On this new album, Del Rey’s lyrics are upfront. “Goddamn, man-child,” she sings on the album’s opening track, “You f* me so good I almost said ‘I love you’.” Del Rey’s lyrics have always been about love, but the writing on “Norman F** Rockwell!” is greatly improved from the fake deep feelings she had put on her previous material. Del Rey is no longer the brooding, traditionalist writer of albums past. This is the album of someone with a complicated life, someone who took a long path to get to where she is today. “Don't ask if I'm happy, you know that I'm not / But at best, I can say I'm not sad / 'Cause hope is a dangerous thing for a woman like me to have,” she croons on the album’s finale. With “Norman F** Rockwell!,” Lana has finally figured out how to write about herself in a way that doesn’t feel trite. It’s a massive step forward for an artist whose life is ripe for great writing and interesting anecdotes.

Musically, Del Rey has ditched the trap-pop of her previous work for a more authentic ‘70s-era sound. By attaching her extremely 2019 lyrics to dreamy, vintage baroque pop, Del Rey makes her writing and visuals feel all the more lived in and accurate. It’s a huge upgrade over her previous work. Many artists who create ‘70s-inspired tunes become too focused on achieving perfect replicas of the era, but Del Rey and pop superstar producer Jack Antonoff fit in just enough modern pop influences to create a stunningly unique sound. It’s something that’s incredibly hard to pull off and that I’ve only heard one other time this year, on Weyes Blood’s “Titanic Rising.” This is perhaps best heard in the nine-minute long track “Venice B****,” an elegant neo-psychedelic journey through droning synths, warbled electric guitars and blissful vocal melodies.
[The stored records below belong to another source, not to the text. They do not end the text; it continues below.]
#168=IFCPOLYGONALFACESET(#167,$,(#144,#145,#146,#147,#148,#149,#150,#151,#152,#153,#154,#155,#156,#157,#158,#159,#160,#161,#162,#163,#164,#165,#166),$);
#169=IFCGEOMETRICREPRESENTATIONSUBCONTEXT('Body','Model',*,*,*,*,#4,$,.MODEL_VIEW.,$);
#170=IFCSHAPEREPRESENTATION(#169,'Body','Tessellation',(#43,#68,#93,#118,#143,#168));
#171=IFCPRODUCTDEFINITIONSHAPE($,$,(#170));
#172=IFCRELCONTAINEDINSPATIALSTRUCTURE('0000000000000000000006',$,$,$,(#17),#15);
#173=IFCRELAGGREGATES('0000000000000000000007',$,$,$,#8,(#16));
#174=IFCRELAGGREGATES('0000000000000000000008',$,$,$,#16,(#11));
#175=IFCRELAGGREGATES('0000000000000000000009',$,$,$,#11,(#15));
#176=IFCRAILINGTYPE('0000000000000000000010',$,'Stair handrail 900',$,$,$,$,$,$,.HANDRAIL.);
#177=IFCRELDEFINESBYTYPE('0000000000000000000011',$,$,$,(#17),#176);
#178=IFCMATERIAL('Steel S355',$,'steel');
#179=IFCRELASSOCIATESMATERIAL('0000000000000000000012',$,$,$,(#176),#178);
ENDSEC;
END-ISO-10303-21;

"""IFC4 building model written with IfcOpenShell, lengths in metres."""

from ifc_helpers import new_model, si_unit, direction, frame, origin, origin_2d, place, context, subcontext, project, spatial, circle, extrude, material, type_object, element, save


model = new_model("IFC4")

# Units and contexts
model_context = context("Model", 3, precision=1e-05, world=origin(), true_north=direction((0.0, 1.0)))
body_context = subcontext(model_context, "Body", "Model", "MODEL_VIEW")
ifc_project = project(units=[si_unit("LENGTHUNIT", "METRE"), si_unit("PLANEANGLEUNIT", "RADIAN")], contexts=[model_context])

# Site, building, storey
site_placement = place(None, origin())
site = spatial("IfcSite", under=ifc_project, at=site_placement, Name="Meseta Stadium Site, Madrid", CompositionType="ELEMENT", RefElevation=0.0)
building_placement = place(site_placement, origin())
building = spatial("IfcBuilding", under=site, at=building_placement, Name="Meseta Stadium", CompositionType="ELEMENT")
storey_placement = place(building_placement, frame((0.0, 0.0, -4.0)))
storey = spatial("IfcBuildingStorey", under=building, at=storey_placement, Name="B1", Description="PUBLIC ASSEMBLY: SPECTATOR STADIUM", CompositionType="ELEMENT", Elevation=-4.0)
Other tracks, such as “Happiness is a butterfly,” tone down the instrumentation, pairing Del Rey with only a lone piano. It’s achingly beautiful.
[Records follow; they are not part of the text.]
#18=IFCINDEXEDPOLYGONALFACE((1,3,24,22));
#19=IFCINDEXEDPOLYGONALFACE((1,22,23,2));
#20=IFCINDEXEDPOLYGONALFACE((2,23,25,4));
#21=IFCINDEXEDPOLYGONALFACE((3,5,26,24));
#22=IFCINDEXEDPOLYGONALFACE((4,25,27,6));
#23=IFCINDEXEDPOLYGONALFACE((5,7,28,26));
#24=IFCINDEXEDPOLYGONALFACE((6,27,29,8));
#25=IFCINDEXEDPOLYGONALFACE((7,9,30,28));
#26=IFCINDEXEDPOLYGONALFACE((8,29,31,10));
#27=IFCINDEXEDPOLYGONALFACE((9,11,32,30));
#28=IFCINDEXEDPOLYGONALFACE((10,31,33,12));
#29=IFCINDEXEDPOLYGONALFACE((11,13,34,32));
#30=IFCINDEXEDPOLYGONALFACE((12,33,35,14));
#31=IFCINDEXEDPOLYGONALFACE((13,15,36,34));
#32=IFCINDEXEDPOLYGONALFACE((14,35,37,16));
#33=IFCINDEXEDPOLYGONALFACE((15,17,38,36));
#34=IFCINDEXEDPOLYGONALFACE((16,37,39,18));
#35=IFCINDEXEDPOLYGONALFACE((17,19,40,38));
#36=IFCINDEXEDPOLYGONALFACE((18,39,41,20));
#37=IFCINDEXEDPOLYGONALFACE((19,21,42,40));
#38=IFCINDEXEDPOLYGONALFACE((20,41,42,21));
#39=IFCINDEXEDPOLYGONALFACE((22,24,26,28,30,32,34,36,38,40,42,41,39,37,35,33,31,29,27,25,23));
All this is not to say “Norman F** Rockwell!” is a perfect album. The back half suffers from a sense of sameyness. “The Next Best American Record” is a textbook “old Lana” track that doesn’t really make a lot of sense on this record. “Doin’ Time” is fine, but feels out of place compared to the other better written tracks Lana has on the record.

The nice thing is that those issues are easily overlooked because the rest of the album is good enough to make me ignore that stuff. This album is a bold statement from Del Rey, a proclamation of a new, more varied direction. Excuse my Lana-inspired language, but “Norman F** Rockwell!” is simply, really f** good.